# Climhazzard's PLL Recognition training software



## climhazzard (Oct 17, 2011)

Well, since I have a hard time recognizing PLL's, I decided to do a software that helped me.

How to use: This program scrambles a PLL and then you must click the right one.

In settings (upper right corner) you can choose if it rotates the cube before scrambling & making U turns at the end, so it'll become harder to recognize (default is ON);

Also you can change color scheme. The color scheme as it is is WRONG, you must change ORANGE (o) and RED (r). I can't change that because I lost the source code and I'm to lazy to do everything again.

You need adobe AIR do run it (http://get.adobe.com/br/air/)

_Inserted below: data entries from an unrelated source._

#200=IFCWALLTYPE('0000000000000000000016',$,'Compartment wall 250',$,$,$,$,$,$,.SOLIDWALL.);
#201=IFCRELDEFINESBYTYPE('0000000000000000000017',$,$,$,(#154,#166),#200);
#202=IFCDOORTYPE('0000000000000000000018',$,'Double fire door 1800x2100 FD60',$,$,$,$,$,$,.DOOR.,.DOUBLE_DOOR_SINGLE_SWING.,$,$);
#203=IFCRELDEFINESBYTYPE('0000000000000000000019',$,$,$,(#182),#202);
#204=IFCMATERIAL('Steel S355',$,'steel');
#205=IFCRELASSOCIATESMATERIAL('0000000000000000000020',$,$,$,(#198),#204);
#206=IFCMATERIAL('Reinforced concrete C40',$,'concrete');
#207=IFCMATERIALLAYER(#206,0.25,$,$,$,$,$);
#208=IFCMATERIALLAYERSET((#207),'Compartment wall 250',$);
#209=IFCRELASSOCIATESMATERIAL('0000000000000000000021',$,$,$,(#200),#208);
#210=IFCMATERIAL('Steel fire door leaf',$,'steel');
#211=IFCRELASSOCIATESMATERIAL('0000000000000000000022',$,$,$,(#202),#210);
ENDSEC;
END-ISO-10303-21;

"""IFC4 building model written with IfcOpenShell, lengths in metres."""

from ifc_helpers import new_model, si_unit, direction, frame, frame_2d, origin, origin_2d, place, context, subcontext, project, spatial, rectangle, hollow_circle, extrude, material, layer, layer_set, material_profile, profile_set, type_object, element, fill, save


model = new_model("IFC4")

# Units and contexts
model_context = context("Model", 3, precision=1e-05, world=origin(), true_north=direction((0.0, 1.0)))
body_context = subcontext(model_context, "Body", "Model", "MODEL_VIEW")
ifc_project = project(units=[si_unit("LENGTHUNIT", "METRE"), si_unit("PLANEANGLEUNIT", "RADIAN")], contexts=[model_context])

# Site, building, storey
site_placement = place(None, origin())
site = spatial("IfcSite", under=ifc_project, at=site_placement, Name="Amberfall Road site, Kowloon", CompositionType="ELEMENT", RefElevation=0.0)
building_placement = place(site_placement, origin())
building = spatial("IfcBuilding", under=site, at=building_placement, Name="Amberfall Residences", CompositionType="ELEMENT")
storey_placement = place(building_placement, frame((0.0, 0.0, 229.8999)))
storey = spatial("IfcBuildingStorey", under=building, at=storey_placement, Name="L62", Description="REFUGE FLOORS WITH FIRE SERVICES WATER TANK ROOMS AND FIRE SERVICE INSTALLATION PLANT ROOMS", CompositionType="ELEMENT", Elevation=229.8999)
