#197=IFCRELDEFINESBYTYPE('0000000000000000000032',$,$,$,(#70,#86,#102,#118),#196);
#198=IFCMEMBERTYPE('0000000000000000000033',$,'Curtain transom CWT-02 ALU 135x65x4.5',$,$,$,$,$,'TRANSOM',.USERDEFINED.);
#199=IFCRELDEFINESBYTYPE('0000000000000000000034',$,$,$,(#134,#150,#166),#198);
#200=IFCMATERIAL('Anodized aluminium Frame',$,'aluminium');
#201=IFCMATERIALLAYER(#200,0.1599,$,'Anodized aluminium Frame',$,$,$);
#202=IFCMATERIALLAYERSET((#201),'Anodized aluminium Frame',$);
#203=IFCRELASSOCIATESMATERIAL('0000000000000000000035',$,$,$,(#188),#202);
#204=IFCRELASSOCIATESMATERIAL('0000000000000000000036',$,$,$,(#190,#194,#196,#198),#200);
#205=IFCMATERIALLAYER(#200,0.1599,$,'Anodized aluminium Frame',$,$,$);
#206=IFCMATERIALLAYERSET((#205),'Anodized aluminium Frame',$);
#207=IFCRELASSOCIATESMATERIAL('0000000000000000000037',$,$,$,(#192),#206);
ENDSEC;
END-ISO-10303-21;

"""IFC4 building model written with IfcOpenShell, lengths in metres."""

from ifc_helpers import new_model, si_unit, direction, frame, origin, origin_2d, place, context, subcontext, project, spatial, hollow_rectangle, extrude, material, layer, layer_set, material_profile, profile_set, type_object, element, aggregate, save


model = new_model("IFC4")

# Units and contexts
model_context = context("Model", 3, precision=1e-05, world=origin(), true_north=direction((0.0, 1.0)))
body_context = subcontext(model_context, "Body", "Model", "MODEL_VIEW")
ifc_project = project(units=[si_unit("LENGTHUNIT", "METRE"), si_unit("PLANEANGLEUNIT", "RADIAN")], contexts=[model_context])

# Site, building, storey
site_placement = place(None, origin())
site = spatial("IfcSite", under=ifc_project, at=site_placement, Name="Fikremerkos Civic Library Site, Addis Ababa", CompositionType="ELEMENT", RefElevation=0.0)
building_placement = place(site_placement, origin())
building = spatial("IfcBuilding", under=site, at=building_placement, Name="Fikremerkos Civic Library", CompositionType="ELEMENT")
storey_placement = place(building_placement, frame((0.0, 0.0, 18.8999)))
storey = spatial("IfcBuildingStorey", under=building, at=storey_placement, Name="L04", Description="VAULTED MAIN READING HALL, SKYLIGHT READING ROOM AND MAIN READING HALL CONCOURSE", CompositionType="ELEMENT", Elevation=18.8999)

Download link: http://www.mediafire.com/file/d5iqo2lb9gbqcq3/PLLRecognition.exe

Screenshots:



















Also I have an Android version, but it probably only runs fine on Galaxy Tab (I tested only on it, it'll probably have resolution problems in other devices). Let me know it anybody is interested.


----------



## ottozing (Oct 17, 2011)

woah that is awesome. im totally getting that


----------



## climhazzard (Oct 17, 2011)

ottozing said:


> woah that is awesome. im totally getting that


 
Thanks :] Let me know what you think!

What I found helpful along with this sofware, was this guide that shows how to recognize by 2 sides (made by Sarah): http://www.speedsolving.com/forum/showthread.php?25184-Two-Side-PLL-Recognition-Guide


----------



## CRO (Oct 17, 2011)

Cool stuff


----------



## Zarxrax (Oct 17, 2011)

So this is for 2-sided recognition?
Very cool, ill try playing with it some.


----------



## Lucas Garron (Oct 17, 2011)

I think you mean "PLL Recognition *Training* Software".


----------



## Akuma (Oct 17, 2011)

Seems interesting. Wonder if this is any better than badmephistos PLL trainer


----------



## climhazzard (Oct 18, 2011)

Lucas Garron said:


> I think you mean "PLL Recognition *Training* Software".


 
Yeah, thanks for that, already fixed the title! (Sort of, let's see if it'll change on Software Area also)




Akuma said:


> Seems interesting. Wonder if this is any better than badmephistos PLL trainer


 
Badmephisto's PLL trainer has a different purpose, while his is focused on training speed up your algs, mine is about visually recognizing the PLL. In fact, my software doesn't require any cube on your hands at all.


----------



## evogler (Oct 18, 2011)

Awesome. Thanks for sharing this.


----------



## radmin (Oct 19, 2011)

I like it!


----------



## Andreaillest (Oct 19, 2011)

I'll have to give this a try. It looks interesting. Hopefully it will help too.


----------



## CuberFrancais (May 25, 2012)

Please a new link for the soft.
Merci.
Good cube for all.............


----------



## yockee (Jul 25, 2012)

Hey man, like the guy above me said, the link to the software is no longer valid. Is there still a way to get this program?


----------



## geocine (Nov 10, 2012)

Does anyone have a copy of this awesome program?


----------



## MWilson (Nov 10, 2012)

geocine said:


> Does anyone have a copy of this awesome program?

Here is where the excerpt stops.